For birdlovers, Bardiya National Park, is a great place to be with over 400 species of birds such as the kingfisher and the great hornbill.
When to visit Bardiya National Park
The best time to visit Bardiya National Park in terms of weather is from mid September till mid december and from February till mid June when there are dry weather conditions. October and November are my favourite months to visit the country as you will be able to experience the biggest festivals in Nepal such as Dasain and Tihar
Winters are short in Bardiya and bring cold and foggy weather in December and January. Therefore the chances of seeing wildlife in this time is pretty low. From late June till late September is the monsoon that brings lots of rain making trekking through the park muddy and difficult.
The best time to see tigers is right at the end of the dry season before the monsoon starts. This would be in May or early June. The hot weather and the lack of water forces tigers to come out to wildlife drinking spots. Do keep in mind that April and May are the hottest months of the year and temperatures can reach up to 40 degrees.
How to get to Bardiya National Park
You can take a bus to Ambassa From Kathmandu (14-16 hours), Pokhara (12 – 14 hours) or Lumbini (10-12 hours). Often you will have to take a bus that goes all the way to Mahendranagar, but you can ask the driver to let you out at Ambassa.

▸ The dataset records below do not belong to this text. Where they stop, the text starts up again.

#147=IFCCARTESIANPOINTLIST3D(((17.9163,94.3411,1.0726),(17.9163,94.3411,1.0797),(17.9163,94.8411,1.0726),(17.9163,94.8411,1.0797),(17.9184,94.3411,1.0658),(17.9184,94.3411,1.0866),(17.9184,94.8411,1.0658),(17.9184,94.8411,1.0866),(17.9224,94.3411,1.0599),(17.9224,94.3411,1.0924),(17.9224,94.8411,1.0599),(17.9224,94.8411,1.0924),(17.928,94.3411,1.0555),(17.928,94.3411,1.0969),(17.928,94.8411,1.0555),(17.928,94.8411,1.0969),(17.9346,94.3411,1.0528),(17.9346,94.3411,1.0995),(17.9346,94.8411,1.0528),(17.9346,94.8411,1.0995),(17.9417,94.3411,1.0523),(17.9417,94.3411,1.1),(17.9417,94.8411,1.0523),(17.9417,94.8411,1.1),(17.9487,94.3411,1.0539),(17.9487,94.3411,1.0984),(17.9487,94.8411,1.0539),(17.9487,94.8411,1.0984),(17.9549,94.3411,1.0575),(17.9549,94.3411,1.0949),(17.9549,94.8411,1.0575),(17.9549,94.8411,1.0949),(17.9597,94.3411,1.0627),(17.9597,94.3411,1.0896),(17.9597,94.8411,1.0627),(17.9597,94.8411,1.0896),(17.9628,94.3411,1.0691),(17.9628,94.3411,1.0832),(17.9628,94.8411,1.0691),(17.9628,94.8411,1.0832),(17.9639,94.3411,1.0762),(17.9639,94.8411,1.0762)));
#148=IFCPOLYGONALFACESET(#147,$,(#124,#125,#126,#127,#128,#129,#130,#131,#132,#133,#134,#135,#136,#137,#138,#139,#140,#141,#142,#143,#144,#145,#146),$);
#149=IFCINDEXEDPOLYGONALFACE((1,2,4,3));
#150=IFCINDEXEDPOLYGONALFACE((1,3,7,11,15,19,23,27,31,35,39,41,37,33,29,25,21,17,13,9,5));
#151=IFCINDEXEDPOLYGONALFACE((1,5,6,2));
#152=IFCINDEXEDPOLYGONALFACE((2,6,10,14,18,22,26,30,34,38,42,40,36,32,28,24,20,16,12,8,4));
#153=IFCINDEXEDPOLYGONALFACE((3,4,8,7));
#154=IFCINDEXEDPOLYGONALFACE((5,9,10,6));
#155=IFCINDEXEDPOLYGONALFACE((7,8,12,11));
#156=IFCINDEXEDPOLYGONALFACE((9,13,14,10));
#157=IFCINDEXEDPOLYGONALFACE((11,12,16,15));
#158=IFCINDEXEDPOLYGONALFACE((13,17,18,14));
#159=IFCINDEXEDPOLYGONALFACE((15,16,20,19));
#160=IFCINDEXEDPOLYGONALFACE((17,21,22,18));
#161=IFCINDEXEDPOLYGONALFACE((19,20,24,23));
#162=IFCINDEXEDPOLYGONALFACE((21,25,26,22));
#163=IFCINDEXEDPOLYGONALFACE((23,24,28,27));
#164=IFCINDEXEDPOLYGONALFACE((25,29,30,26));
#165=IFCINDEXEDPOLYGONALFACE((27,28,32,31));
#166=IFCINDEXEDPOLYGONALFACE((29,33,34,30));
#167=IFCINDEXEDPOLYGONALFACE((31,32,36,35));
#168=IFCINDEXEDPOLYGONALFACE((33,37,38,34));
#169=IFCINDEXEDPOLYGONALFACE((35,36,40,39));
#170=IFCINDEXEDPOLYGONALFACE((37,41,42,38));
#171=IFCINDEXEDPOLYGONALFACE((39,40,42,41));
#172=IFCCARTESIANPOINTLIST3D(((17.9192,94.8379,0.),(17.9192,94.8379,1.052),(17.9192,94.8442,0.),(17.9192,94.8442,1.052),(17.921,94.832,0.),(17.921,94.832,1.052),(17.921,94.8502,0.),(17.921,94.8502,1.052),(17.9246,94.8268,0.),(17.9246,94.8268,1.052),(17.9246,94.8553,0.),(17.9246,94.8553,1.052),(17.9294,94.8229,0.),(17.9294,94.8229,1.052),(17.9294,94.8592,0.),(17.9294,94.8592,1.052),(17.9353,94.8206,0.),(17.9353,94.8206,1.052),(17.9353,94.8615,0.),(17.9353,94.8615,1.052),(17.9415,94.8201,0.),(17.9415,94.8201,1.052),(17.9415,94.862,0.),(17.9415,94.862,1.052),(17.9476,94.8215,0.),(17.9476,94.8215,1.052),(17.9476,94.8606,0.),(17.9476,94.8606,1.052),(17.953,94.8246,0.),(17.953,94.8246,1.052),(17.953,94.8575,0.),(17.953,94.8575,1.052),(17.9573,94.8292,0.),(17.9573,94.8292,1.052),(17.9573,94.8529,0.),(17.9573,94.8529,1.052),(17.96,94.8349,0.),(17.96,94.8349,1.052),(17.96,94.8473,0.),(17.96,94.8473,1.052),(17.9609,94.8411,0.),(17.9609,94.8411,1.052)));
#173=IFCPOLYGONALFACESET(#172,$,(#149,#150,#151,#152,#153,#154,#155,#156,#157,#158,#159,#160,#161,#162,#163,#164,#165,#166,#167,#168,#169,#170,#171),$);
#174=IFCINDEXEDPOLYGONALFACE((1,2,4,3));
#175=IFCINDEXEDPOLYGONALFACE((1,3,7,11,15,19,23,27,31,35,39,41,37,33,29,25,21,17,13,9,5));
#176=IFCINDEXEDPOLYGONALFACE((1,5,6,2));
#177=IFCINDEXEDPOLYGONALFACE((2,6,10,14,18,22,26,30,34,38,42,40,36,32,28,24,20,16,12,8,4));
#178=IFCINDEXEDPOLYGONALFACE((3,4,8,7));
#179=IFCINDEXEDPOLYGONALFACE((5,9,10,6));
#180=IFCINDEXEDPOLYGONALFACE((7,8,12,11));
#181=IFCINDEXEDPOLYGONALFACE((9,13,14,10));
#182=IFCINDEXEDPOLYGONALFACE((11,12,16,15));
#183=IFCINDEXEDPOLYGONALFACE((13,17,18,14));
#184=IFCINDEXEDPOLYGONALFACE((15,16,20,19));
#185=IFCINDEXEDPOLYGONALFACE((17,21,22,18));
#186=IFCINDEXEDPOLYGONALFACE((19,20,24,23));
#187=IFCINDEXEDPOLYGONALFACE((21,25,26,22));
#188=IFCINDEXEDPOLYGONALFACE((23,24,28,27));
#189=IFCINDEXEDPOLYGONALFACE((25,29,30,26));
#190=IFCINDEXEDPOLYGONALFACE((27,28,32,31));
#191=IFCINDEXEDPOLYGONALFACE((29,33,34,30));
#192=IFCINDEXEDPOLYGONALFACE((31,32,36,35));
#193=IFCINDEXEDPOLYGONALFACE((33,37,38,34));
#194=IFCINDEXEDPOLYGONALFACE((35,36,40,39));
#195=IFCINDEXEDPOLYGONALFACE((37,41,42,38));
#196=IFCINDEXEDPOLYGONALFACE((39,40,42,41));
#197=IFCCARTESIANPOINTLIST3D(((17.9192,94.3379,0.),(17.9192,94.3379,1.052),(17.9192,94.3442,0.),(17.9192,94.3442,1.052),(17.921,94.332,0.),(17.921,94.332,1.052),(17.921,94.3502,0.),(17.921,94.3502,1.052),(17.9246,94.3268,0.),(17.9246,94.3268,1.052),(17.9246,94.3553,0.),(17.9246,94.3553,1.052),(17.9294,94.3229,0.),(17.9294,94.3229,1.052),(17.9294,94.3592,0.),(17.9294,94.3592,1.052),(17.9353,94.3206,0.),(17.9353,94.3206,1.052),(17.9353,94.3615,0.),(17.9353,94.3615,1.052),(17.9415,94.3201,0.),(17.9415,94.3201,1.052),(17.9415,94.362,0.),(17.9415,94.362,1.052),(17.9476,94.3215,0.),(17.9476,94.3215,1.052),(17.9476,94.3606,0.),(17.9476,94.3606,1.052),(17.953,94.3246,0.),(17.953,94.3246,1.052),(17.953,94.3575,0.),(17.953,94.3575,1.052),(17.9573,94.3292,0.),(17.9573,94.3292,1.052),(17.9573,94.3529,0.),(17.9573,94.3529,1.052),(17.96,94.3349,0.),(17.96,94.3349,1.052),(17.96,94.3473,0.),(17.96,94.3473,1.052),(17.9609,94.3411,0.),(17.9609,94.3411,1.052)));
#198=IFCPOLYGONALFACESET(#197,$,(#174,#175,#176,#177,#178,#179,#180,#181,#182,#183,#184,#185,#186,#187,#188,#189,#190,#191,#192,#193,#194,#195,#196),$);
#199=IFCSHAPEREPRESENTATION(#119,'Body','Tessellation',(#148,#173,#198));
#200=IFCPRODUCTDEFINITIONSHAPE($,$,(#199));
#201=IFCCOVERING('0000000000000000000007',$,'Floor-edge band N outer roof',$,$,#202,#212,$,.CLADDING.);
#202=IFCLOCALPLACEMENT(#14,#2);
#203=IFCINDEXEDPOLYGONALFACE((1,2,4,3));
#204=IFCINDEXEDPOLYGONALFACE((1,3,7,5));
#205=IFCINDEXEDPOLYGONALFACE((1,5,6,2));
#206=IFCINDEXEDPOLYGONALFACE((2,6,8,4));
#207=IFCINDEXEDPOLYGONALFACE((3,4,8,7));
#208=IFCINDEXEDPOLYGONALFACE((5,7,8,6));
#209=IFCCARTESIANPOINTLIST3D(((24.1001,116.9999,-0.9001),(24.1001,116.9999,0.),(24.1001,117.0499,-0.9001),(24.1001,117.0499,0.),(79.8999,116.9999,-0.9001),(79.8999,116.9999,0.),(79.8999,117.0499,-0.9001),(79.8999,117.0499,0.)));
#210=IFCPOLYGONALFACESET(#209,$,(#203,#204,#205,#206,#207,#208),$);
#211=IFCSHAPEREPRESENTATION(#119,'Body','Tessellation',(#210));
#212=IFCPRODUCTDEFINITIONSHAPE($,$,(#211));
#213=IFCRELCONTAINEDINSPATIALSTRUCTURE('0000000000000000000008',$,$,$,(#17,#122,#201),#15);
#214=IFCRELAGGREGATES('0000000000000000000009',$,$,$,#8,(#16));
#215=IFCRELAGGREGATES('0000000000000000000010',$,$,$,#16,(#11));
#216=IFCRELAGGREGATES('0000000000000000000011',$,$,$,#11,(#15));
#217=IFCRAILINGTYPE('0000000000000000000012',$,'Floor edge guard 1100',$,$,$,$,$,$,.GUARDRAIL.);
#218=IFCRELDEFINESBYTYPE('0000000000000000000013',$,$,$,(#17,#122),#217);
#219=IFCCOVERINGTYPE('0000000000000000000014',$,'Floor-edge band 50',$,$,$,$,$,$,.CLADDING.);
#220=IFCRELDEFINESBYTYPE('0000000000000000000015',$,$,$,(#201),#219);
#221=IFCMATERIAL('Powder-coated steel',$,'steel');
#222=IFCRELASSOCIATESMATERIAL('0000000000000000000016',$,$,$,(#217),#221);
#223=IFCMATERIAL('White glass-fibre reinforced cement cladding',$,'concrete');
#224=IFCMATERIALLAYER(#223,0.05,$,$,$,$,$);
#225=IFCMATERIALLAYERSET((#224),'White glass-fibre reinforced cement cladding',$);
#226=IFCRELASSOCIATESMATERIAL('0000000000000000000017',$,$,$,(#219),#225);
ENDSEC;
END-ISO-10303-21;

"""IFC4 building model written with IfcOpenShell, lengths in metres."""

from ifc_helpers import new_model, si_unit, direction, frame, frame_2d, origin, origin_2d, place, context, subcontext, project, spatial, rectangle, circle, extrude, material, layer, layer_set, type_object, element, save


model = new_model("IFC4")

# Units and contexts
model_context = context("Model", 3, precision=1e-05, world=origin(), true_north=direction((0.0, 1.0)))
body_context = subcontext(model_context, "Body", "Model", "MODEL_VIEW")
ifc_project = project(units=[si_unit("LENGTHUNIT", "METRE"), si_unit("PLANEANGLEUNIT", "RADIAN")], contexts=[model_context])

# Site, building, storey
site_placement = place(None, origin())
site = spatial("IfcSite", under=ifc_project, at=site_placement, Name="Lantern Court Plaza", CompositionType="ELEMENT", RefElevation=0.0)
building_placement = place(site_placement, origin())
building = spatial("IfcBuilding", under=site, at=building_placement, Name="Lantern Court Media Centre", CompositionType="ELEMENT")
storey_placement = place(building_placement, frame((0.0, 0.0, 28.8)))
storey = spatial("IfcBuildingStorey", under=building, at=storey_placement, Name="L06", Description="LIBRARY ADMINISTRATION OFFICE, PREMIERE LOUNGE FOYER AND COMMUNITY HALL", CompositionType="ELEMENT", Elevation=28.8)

From Ambassa you can take a bus to Thakurdwara (15 kilometer, 45 minutes), the nearest village to Bardiya National Park where most lodges are. Local buses from Ambassa to Thakurdwara only leave in the afternoon. Most lodges can arrange a pick up from either Ambassa or Thakurdwara.

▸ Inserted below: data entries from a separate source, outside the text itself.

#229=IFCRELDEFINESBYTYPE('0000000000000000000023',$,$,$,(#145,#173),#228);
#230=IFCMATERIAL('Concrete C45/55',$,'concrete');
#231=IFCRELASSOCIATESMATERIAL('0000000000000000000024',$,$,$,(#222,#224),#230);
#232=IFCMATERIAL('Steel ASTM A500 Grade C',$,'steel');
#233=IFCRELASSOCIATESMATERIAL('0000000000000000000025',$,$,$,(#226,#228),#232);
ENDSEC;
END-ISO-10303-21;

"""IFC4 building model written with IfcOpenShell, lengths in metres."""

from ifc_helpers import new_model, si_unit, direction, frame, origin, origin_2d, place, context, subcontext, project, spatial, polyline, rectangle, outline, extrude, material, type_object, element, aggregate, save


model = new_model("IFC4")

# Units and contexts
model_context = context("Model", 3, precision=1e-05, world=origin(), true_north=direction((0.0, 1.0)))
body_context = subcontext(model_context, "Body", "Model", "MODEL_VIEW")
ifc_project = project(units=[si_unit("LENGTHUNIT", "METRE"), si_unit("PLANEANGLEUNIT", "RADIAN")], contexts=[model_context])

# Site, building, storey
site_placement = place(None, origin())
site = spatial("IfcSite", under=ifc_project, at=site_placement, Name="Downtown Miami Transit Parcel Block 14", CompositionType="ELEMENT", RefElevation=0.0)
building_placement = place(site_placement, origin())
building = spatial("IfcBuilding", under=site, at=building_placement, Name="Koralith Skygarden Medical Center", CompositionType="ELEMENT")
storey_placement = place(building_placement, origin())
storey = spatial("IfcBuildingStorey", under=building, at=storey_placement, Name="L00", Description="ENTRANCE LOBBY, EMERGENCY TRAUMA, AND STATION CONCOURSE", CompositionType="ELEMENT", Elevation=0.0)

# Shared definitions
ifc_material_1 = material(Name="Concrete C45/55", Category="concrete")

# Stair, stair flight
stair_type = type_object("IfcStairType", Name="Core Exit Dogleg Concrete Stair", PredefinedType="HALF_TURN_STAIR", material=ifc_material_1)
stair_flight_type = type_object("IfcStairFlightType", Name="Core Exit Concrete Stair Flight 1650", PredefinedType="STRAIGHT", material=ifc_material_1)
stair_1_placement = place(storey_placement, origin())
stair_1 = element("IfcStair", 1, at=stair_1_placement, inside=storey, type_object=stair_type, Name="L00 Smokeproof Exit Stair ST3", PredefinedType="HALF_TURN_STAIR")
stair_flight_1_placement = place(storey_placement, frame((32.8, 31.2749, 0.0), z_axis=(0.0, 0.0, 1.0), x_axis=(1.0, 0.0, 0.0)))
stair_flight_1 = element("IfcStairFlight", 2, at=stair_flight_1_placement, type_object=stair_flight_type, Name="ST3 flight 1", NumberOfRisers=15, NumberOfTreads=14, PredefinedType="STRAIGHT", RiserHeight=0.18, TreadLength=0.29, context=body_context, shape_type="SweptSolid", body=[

Accomodation and food in Bardiya National Park
Most hotels and eco lodges are based in and around Thakurdwara, the nearest village to the park entrance. There is no accomodation inside the park, because it is not allowed so don’t believe anyone who claims you will be staying inside the park.
Lodges expect you to eat with them and arrange your activities through them. Considering the distance between the lodges this would also be the best option. The average price is around 1000 to 1200 nepalese rupees per night. Food is mostly Nepali food like dahl bath.

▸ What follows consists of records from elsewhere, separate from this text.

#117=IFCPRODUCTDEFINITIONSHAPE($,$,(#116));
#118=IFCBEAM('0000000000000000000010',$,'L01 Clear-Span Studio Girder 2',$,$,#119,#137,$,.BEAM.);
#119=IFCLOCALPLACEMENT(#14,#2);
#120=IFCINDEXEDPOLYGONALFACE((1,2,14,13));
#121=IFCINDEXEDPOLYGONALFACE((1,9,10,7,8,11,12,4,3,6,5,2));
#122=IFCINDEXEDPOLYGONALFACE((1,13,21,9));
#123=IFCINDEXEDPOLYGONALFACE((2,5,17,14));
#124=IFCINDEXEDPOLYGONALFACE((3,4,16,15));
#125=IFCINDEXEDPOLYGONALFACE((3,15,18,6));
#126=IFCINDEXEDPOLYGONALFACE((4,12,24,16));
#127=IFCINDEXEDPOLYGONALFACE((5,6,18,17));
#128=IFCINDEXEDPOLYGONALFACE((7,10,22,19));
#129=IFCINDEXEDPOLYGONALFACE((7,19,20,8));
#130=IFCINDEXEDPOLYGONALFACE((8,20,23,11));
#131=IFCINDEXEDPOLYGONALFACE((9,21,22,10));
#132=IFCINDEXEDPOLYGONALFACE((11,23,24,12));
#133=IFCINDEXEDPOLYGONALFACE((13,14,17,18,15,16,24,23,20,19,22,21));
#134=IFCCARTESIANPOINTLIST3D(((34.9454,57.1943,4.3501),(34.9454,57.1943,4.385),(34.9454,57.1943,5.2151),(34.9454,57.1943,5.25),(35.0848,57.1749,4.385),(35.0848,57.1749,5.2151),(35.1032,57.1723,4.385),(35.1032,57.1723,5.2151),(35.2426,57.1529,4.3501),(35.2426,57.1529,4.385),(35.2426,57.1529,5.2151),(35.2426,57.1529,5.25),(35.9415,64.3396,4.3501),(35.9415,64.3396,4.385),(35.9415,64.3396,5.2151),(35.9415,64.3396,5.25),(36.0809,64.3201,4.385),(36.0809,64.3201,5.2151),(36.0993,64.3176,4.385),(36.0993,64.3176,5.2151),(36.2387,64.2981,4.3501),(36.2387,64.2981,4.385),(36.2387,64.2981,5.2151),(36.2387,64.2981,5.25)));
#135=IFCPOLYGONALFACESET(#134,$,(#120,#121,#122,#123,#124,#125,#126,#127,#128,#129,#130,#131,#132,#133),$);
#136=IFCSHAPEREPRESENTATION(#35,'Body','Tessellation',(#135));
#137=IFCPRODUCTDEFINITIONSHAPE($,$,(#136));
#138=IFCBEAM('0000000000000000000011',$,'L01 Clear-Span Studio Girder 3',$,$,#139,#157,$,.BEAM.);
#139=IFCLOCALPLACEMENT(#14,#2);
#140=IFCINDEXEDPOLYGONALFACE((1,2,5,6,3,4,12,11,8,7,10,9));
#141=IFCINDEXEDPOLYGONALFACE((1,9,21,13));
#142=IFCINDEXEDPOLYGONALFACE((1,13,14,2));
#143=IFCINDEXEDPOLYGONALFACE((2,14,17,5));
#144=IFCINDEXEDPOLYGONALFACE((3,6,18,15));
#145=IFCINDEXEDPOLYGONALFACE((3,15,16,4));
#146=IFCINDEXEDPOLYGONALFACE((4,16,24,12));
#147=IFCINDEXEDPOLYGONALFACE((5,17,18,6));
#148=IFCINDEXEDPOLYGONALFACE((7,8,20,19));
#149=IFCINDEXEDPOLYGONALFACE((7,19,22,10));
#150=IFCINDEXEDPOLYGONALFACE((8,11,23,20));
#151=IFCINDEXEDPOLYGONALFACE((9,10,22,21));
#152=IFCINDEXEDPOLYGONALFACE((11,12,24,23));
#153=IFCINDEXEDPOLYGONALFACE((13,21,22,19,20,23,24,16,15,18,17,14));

During my visits to the park I stayed in Bardia Jungle Cottage, Mr.B’s place & Forest hideaway hotel & cottages. I have very good experiences with all of them and the jungle walks they organized were excellent and reasonably priced.
Other options with very good reviews are the Sunset View Cafe & Jungle Bar for those on a true budget. For homestay options where you can learn more about Tharu culture I can recommend Bardia eco friendly homestay.
Some lodges can also arrange sleeping in a treehouse or camping trips inside Bardia National Park.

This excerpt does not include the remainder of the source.